Operator training programs will be revised in accordance with the industry standard systematic approach to training process and appropriate training will be provided on all plant modifications, administrative/technical requirement changes, Technical Specification revisions, and procedure revisions. The CR-3 simulator will be updated and tested in sufficient time to provide effective reinforcement of procedure and plant physical changes as well as build proficiency with required manual operator actions.

Based on the above, the proposed change does not involve a significant reduction in a margin of safety.

Based on the above, CR-3 concludes that the proposed LAR presents a no significant hazards consideration under the standards set forth in 10 CFR 50.92(c), and, accordingly, a finding of"no significant hazards consideration" is justified.

6.0 ENVIRONMENTAL IMPACT EVALUATION The environmental considerations evaluation is contained in Attachment 9, "Supplemental Environmental Report Extended Power Uprate." It concludes that the EPU will not result in a significant change in non-radiological impacts on land use, water use, waste discharges, terrestrial and aquatic biota, transmission facilities, or social and economic factors, and will have no non-radiological impacts other than those evaluated in the Supplemental Environmental Report. The Supplemental Environmental Report further concludes that the EPU will not introduce any new radiological release pathways, will not result in a significant increase in occupational or public radiation exposures, and will not result in significant additional fuel cycle

U. S. Nuclear Regulatory Commission Attachment 1 3F0611-02 Page 35 of 35 environmental impacts.

Therefore, the proposed amendment does not involve a significant change in the types or significant increase in the amounts of any effluent that may be released offsite nor does it involve a significant increase in individual or cumulative occupational radiation exposure.

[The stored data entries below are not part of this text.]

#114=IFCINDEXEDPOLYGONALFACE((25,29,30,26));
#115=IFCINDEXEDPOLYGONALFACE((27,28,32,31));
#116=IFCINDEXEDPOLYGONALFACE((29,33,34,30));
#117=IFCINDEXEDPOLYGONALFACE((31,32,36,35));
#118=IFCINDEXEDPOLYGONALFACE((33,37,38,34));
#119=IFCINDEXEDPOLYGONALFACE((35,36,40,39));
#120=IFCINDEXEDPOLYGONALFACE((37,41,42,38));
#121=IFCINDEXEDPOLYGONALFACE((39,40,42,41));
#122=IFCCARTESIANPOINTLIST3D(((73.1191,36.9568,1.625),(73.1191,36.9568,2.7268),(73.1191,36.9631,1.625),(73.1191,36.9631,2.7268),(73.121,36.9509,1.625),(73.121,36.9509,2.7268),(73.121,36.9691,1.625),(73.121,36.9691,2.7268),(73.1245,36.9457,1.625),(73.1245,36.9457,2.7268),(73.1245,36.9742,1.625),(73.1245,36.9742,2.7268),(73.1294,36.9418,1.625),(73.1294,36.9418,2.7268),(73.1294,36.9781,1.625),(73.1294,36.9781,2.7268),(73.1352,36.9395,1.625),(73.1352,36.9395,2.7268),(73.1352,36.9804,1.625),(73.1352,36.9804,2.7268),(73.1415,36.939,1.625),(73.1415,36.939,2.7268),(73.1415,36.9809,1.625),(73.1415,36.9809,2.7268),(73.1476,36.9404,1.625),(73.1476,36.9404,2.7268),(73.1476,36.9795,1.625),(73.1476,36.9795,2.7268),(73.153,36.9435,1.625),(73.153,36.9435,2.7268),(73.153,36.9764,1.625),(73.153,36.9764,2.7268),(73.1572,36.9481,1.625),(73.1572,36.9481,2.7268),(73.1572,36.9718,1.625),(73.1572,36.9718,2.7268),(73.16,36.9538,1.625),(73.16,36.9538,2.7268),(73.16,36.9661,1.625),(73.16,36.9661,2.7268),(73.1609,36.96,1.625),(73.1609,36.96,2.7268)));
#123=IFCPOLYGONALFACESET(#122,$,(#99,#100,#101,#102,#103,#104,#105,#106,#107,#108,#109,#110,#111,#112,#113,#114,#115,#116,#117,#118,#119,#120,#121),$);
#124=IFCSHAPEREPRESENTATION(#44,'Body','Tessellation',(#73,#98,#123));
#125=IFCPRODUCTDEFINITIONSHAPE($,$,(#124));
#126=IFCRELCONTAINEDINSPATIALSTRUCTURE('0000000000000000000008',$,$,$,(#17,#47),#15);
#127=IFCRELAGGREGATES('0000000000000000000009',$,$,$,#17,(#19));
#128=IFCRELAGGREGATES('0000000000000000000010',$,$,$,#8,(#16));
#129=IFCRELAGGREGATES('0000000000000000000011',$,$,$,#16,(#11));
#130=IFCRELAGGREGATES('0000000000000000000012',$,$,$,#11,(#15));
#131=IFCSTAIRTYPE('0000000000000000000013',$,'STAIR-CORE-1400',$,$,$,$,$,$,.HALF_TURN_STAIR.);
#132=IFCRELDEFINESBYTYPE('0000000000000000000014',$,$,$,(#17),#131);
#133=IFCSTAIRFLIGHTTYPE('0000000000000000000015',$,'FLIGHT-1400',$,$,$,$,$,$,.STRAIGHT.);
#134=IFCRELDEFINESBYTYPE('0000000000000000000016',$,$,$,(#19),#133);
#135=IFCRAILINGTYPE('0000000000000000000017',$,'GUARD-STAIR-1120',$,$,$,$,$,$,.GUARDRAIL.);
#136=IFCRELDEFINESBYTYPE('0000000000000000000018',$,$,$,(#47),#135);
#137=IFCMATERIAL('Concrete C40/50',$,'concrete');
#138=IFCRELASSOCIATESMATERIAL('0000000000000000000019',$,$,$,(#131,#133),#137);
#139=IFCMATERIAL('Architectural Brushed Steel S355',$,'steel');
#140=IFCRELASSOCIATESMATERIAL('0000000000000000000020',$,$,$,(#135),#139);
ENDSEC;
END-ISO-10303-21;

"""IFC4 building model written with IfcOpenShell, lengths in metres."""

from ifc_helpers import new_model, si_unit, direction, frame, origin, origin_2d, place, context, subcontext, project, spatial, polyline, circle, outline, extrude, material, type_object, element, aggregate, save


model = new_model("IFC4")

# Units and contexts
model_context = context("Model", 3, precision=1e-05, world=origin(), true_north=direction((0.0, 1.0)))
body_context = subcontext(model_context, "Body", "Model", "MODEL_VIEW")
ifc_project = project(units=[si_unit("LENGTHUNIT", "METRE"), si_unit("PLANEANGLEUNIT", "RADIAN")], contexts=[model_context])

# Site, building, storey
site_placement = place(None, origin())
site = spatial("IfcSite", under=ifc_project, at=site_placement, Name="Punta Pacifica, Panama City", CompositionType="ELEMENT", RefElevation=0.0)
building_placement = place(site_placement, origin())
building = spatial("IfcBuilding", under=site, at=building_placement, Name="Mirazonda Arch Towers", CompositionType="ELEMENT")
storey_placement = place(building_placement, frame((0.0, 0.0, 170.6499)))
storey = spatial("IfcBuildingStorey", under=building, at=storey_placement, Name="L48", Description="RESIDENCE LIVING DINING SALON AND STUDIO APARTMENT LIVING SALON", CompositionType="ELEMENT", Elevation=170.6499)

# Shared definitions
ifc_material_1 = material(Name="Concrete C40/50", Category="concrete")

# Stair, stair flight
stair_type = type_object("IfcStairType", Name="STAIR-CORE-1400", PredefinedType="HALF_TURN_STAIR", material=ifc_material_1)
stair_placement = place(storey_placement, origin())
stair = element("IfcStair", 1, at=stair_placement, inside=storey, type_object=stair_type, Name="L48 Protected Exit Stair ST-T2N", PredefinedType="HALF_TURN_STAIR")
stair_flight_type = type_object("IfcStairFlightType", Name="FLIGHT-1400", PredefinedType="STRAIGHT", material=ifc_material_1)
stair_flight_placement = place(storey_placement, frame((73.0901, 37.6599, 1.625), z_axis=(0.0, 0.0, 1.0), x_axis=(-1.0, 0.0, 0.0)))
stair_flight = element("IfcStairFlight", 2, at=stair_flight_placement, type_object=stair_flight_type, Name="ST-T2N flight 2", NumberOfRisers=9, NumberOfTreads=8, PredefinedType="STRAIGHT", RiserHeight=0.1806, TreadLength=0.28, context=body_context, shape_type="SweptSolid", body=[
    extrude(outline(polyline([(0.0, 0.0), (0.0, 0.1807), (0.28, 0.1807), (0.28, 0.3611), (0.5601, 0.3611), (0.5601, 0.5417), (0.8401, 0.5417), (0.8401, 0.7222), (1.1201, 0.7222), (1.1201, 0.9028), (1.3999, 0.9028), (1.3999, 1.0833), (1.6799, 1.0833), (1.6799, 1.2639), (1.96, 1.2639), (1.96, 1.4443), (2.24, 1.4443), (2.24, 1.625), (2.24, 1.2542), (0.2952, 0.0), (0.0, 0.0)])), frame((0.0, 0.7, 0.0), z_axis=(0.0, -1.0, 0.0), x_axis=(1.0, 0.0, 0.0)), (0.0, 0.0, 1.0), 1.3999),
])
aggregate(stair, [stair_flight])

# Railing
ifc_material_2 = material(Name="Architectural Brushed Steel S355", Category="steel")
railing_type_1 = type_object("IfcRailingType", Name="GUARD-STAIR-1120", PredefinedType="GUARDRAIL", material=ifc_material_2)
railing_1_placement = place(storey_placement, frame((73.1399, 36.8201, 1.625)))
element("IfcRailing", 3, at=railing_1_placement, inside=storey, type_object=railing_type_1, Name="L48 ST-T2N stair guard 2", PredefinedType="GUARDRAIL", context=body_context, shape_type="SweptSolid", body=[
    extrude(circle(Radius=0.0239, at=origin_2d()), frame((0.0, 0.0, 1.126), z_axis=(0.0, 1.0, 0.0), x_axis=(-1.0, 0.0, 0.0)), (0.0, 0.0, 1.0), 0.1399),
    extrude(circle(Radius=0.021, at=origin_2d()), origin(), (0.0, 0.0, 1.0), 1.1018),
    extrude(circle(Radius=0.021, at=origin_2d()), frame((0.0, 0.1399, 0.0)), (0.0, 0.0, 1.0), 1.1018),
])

7.0 APPLICABLE REGULATORY REOUIREMENTS/CRITERIA The proposed changes have been evaluated to determine whether applicable regulations and requirements continue to be met.

CR-3 has determined that the proposed changes do not require any exemptions or relief from regulatory requirements and do not adversely affect conformance with any regulatory requirements differently than described in the CR-3 Final Safety Analysis Report. The exemption to 10 CFR 50 Appendix K, Item I.D. 1, requirements for single failure considerations is being deleted due to a modification to the plant that will adequately provide the boron precipitation mitigation function and is designed to remain functional even with a single failure condition.

This LAR will not reduce the effectiveness of the safety related systems, structures, or components and will not require the plant to operate outside of analyzed limits. Therefore, based on the considerations discussed above:

1) There is reasonable assurance that the health and safety of the public will not be endangered by operation in the proposed manner;
2) Such activities will be conducted in compliance with the Commission's regulations; and
3) Issuance of the amendment will not be inimical to the common defense and security or to the health and safety of the public.